If you are facing criminal charges in Indiana, your fate is mostly in the hands of the state prosecutor’s office since they have complete discretion over giving you a plea deal, and what goes into the agreement altogether. This is another reason why you must choose a seasoned and qualified lawyer for your defense; they are likely to have longstanding relationships with the local prosecution and magistrate community.

When it comes to prosecution giving you a plea deal, there are various factors that influence their decision. Such factors include criminal history, behavioral conduct with law enforcement, substance abuse, severity of crime and whether or not it involved bodily harm to another person, and more. It may seem like there is nothing you can do to alter their decision-making process, but that is not true.

Here are two things you can do that might help your case:

❶ Create a Sentencing Memorandum

Your criminal defense lawyer can draft a document referred to as a “sentencing memorandum”, which basically illustrates an accurate depiction of your life and who you are as a person. Topics to include in this document include your employment, level of education, goals, contribution to the local community, explanation of your criminal history, reason for committing the alleged crime, conduct since the arrest, role as a partner, spouse, parent, or legal guardian, and similar personal details about your life. This document can show the prosecution that you are not defined by your alleged crime, nor a threat to your community.

❷ Gather Character Reference Letters

Another great way to improve the outcome of your criminal case is to gather a collection of character reference letters from important members of your family, friends, co-workers, employers, and local community. These letters should be written by those you trust to be honest, yet supportive of your reputation. Examples of people to ask for character reference letters include employers, teachers, professors, mentors, friends, children, and even religious leaders. Within these letters, you would need to also include forms of verification, such as employment records, school transcripts, college acceptance letters, certificates and awards, attendance logs, doctors’ letters, and more.

Get Aggressive Criminal Defense in Indiana

Contact David E. Lewis, Attorney at Law, at 317-636-7514 to start building a strong and impactful defense against your criminal charges so that you have a chance at avoiding the maximum penalties for your suspected crimes. Our Indianapolis criminal defense law firm offers free initial consultations, so there is no out-of-pocket obligations to you. Get started protecting your future, today.

How the Law Office of David E. Lewis Sets the Bar High for Criminal Justice

When you are a client of criminal defense attorney, David E. Lewis, you can expect high standards from start to finish. He and his legal team provide professional 24/7 client communication and unparalleled client support. We understand that our clients’ needs don’t revolve around convenient office hours.

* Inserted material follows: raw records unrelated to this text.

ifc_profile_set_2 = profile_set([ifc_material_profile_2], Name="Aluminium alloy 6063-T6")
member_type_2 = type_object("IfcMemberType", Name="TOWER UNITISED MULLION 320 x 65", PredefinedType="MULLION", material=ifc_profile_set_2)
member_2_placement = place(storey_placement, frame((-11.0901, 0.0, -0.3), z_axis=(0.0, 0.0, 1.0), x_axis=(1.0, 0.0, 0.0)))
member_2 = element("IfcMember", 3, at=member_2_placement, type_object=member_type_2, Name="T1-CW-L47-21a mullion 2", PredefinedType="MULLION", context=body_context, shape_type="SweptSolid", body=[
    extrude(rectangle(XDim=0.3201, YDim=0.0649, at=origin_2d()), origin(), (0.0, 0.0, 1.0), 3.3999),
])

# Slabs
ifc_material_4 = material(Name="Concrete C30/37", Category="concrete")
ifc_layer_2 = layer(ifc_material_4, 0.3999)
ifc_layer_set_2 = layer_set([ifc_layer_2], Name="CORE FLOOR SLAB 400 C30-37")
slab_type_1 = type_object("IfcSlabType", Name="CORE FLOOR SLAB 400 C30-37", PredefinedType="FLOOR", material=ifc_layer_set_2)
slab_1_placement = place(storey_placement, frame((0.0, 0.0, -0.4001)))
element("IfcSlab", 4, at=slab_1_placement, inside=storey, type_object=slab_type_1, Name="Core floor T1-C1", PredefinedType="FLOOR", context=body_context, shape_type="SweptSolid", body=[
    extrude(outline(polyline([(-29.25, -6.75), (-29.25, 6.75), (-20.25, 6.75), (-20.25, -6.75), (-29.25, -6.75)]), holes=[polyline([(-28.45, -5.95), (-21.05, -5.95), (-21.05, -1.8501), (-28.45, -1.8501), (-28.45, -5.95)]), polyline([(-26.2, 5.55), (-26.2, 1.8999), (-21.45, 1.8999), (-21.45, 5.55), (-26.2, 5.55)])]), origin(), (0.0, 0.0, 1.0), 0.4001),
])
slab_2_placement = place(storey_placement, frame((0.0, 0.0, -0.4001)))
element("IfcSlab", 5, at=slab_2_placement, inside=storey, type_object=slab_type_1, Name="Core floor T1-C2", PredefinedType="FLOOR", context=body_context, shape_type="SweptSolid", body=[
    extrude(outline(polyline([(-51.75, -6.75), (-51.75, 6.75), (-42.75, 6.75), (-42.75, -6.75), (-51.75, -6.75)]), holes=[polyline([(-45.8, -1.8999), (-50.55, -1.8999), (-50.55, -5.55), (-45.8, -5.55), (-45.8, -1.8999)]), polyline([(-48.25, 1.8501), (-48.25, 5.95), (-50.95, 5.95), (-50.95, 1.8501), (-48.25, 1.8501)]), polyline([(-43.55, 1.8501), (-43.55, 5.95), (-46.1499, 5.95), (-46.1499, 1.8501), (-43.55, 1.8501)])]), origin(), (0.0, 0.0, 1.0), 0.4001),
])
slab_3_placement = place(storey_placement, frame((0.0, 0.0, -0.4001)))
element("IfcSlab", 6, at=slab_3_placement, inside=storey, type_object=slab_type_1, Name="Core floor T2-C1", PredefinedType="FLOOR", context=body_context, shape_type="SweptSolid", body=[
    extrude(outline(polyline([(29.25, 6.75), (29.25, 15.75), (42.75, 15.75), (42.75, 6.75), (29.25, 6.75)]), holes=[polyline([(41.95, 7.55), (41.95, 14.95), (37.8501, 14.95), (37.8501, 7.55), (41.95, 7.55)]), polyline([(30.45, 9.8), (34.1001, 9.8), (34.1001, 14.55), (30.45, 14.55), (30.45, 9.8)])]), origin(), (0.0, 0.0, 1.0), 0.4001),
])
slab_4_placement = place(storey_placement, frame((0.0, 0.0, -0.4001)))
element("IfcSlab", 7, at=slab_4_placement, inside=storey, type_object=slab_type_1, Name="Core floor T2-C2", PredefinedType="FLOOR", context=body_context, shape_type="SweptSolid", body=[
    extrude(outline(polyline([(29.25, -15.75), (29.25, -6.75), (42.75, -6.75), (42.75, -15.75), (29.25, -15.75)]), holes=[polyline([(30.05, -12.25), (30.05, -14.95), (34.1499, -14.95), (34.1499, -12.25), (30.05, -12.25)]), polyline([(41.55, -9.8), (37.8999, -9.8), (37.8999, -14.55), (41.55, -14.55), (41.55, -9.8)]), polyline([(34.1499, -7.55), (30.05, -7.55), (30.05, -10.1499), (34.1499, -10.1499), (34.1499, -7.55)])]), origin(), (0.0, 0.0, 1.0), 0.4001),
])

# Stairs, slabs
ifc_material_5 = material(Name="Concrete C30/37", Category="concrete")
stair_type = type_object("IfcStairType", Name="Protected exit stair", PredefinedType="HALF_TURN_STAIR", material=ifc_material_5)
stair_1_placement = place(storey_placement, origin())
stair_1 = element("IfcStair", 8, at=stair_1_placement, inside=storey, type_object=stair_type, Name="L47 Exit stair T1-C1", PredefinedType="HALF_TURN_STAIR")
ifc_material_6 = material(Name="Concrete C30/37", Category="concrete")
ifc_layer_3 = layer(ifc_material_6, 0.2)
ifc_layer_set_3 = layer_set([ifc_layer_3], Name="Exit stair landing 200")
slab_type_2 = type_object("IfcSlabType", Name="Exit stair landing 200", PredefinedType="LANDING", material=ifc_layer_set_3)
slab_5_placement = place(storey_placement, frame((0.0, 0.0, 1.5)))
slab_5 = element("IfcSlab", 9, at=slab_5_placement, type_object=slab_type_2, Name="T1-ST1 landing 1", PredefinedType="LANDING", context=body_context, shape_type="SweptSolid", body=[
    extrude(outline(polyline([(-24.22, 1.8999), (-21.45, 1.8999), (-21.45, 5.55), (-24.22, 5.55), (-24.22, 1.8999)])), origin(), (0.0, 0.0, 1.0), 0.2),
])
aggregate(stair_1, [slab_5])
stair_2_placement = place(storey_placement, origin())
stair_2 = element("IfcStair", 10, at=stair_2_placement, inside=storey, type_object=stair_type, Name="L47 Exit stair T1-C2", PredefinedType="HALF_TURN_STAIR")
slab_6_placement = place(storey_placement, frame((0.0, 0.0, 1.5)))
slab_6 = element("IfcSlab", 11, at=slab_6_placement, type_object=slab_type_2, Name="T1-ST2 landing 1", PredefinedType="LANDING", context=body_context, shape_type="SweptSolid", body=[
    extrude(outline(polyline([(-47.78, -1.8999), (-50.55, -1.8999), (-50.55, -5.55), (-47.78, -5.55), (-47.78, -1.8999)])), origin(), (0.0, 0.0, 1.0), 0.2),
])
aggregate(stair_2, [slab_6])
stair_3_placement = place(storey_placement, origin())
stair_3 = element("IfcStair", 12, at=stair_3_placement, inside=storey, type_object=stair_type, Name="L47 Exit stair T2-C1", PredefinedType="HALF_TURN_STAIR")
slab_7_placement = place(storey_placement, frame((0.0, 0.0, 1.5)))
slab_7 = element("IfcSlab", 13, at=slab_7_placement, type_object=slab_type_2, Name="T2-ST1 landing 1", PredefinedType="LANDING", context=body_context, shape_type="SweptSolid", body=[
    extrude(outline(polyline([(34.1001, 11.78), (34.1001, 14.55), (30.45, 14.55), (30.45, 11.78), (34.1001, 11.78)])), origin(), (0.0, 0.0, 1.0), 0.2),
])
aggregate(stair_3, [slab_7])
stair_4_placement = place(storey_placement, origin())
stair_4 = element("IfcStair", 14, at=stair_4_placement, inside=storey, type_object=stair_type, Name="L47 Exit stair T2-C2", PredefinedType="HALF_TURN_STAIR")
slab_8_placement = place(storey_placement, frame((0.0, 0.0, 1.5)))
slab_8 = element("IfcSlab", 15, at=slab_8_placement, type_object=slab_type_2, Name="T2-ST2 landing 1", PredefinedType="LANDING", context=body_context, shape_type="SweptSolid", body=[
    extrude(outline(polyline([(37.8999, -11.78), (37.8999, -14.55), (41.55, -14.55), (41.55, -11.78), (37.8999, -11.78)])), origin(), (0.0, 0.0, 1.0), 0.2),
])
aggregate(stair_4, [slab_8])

This is why we are always available by means of email or phone, and remain prepared to take action whenever our client’s, or their case, calls. Our criminal law firm never cuts corners when it comes to criminal defense, and we will always go the extra mile for our client’s and their families. We leave no stone unturned when fighting our clients’ criminal charges.

Continue below to learn why the Law Office of Attorney David E. Lewis is the right choice for your criminal defense in Indiana!

David E. Lewis Attorney at Law 317-636-7514
David E. Lewis Attorney at Law 317-636-7514

Our Company Pledge

We vow to never give up or back down. We use every resource in our power to preserve our clients’ freedoms and protect their rights in all ways, including:

☑ Building a Custom Defense for Each Individual Client

We are determined to win an advantageous outcome in court for clients that have been charged or convicted of a misdemeanor or felony in Indiana. He uses his cunning knowledge of law, as well as his extensive trial and litigation experience, to aggressively represent his clients in both state and federal courts.

☑ Keeping Clients Fully-Informed at All Times

Our law firm understands that an arrest in the family is troubling, and everyone has several questions afterwards. This is why we work side-by-side with our clients from start to finish, guiding them throughout the entire criminal process safely and securely, all while working to win them a better outcome in court.

☑ Respecting All Clients & Never Passing Judgement

We recognize that people make mistakes, and sometimes get caught up in the wrong place at the wrong time. The law office of David E. Lewis is committed to being a strong and reliable helping hand that stays firm in order to safeguard our client’s legal rights and re-open doors for them so they may have an opportunity for a second chance in life.

Our Mission

Our hope for all our clients is simple: That they may be reunited with their families and loved ones, and get back to leading a happy and law-abiding life after a distressing arrest. Attorney, David E. Lewis can accomplish this for many people charged with a crime in Indianapolis, Indiana.

Start Today!

Call the Law Office of David E. Lewis at 317-636-7514 to schedule a free initial consultation and case evaluation. From there, will develop the best strategies for your defense so that you can avoid the maximum penalties for your criminal charges in Indiana.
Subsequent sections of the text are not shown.